Napa County Dist. Atty. Gary Lieberstein said Thursday that the investigation concluded no charges were warranted.

"Our duty is to do the right thing for the right reasons," Lieberstein said. "Under the facts and circumstances of this case, it would be a miscarriage of justice to pursue criminal charges, and we will not ask our citizens to give up their valuable time for jury duty, nor will we allow our criminal justice system to be compromised."

Cable has denied the charges from the beginning and said shortly before the district attorney's announcement that he trusted the legal system. Cable said he did not intend to speak to the media again until today.

Commissioner Roger Goodell said last week that criminal charges need not be brought against Cable for the NFL to discipline him if he broke the league's conduct rules.

The alleged attack occurred at the team's training camp hotel on Aug. 5 in Napa, after Cable called Randy Hanson into a meeting with defensive coordinator John Marshall and defensive backs coaches Lionel Washington and Willie Brown.

Hanson told Yahoo Sports this month that Cable came up from behind him and knocked him out of his chair. Hanson said he broke his jaw and cracked two teeth after hitting a table. Hanson also alleged that Cable threatened to kill him before the other coaches pulled him away.

Calls to Hanson's attorney, John McGuinn, were not immediately returned Thursday. He told Comcast SportsNet California that he did not understand the decision not to press charges.

"All I know is they had abundant evidence to proceed, but they chose not to," McGuinn said. "I don't know why they didn't."

Lieberstein said there was not enough evidence for a jury to convict Cable of any offenses beyond a reasonable doubt.

He said interviews with the three assistants established that Cable did not punch Hanson or make any verbal threats. He said evidence showed Cable became angry and rushed toward Hanson, but Washington stepped between the coaches.

Cable ran into Washington, who bumped into Hanson and knocked him out of his chair. The witnesses also told authorities that Cable then grabbed Hanson by the shirt but never struck or threatened him. Cable did not talk to police.


Jets players benched

New York Jets Coach Rex Ryan benched safety James Ihedigbo and linebacker Marques Murrell for the team's next game because he thought they took things too far by throwing punches at Buffalo's Derek Fine during a 16-13 overtime loss last weekend.

"Quite honestly, that's not the way we're going to play football," Ryan said Thursday, speaking for the first time about his decision. "What they did was selfish, I thought."

Ihedigbo and Murrell each was fined $5,000 by the NFL for their actions Sunday, and Ryan plans to make both players inactive for New York's game at Oakland.

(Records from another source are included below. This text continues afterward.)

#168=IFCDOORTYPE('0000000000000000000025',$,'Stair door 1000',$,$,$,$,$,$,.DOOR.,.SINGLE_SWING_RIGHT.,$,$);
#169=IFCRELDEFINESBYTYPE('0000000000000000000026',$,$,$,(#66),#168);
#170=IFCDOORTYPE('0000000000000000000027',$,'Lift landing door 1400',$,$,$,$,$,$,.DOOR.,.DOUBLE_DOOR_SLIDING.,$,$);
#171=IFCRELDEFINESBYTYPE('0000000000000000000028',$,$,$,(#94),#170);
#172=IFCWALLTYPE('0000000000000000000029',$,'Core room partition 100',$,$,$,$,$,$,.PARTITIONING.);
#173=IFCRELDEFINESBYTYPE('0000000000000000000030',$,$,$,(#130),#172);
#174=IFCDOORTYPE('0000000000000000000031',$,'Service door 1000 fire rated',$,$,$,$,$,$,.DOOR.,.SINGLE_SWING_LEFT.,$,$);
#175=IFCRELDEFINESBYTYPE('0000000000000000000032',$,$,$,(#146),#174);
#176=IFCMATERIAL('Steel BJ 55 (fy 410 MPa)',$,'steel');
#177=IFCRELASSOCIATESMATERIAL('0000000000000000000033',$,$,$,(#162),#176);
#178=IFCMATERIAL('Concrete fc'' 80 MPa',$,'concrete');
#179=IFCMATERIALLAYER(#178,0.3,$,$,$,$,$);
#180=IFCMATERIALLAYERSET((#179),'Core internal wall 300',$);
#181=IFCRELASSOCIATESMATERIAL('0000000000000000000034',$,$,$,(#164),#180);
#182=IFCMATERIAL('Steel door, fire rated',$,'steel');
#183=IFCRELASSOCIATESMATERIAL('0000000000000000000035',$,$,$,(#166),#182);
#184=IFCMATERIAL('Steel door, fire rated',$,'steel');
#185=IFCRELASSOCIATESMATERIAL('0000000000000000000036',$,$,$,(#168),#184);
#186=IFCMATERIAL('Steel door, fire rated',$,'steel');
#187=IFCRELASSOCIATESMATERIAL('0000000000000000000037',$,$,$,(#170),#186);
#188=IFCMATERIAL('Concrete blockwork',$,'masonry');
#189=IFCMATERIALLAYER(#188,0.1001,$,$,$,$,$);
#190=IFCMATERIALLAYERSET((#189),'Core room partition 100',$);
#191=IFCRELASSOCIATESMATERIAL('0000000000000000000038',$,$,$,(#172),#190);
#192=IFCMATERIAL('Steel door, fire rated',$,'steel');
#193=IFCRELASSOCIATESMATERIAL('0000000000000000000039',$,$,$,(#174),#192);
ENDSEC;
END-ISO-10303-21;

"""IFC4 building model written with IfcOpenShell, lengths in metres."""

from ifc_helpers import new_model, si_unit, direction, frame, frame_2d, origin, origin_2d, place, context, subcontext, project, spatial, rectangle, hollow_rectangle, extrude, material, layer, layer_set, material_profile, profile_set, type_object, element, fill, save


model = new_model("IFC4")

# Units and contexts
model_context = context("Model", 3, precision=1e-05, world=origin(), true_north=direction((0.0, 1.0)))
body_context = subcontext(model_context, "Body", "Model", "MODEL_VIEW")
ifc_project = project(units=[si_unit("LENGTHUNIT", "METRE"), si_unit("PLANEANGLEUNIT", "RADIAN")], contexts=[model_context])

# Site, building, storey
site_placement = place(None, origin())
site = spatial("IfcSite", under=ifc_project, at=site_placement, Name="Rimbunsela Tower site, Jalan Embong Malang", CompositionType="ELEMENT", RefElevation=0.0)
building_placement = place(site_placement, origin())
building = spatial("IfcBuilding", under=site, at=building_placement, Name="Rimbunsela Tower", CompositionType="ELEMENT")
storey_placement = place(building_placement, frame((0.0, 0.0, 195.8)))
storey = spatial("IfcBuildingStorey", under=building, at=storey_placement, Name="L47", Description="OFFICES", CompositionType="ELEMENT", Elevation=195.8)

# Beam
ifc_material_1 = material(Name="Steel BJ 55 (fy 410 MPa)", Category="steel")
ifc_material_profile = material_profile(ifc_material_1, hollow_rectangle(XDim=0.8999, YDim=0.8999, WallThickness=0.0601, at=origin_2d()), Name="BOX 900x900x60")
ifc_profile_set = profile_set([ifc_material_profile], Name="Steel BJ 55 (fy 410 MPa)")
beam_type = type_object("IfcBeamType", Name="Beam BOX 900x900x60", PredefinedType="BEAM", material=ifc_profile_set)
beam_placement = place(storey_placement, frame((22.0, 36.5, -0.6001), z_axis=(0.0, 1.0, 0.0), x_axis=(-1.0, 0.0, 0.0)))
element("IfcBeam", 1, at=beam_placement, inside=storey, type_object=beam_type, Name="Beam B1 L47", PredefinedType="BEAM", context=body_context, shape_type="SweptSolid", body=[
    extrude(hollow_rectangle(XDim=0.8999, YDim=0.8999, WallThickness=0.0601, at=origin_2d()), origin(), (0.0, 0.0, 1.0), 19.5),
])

Pittsburgh Steelers safety Troy Polamalu didn't practice for the second straight day while he heals from a left knee injury. Polamalu is not believed to have had a setback in his rehabilitation, and he's expected to play Sunday against Minnesota as long as he practices today. . . . Philadelphia Eagles Coach Andy Reid said linebacker Omar Gaither will have surgery on his left foot and will sit out the rest of the season. Gaither suffered the injury during Sunday's loss to the Raiders. . . . The San Diego Chargers have had numerous players miss practice as they continue preparations for Sunday's game at Kansas City. Running backs LaDainian Tomlinson and Jacob Hester, wide receiver Buster Davis and linebacker Jyles Tucker were unable to practice Thursday. Coach Norv Turner said, "We have a little bit of the flu going around."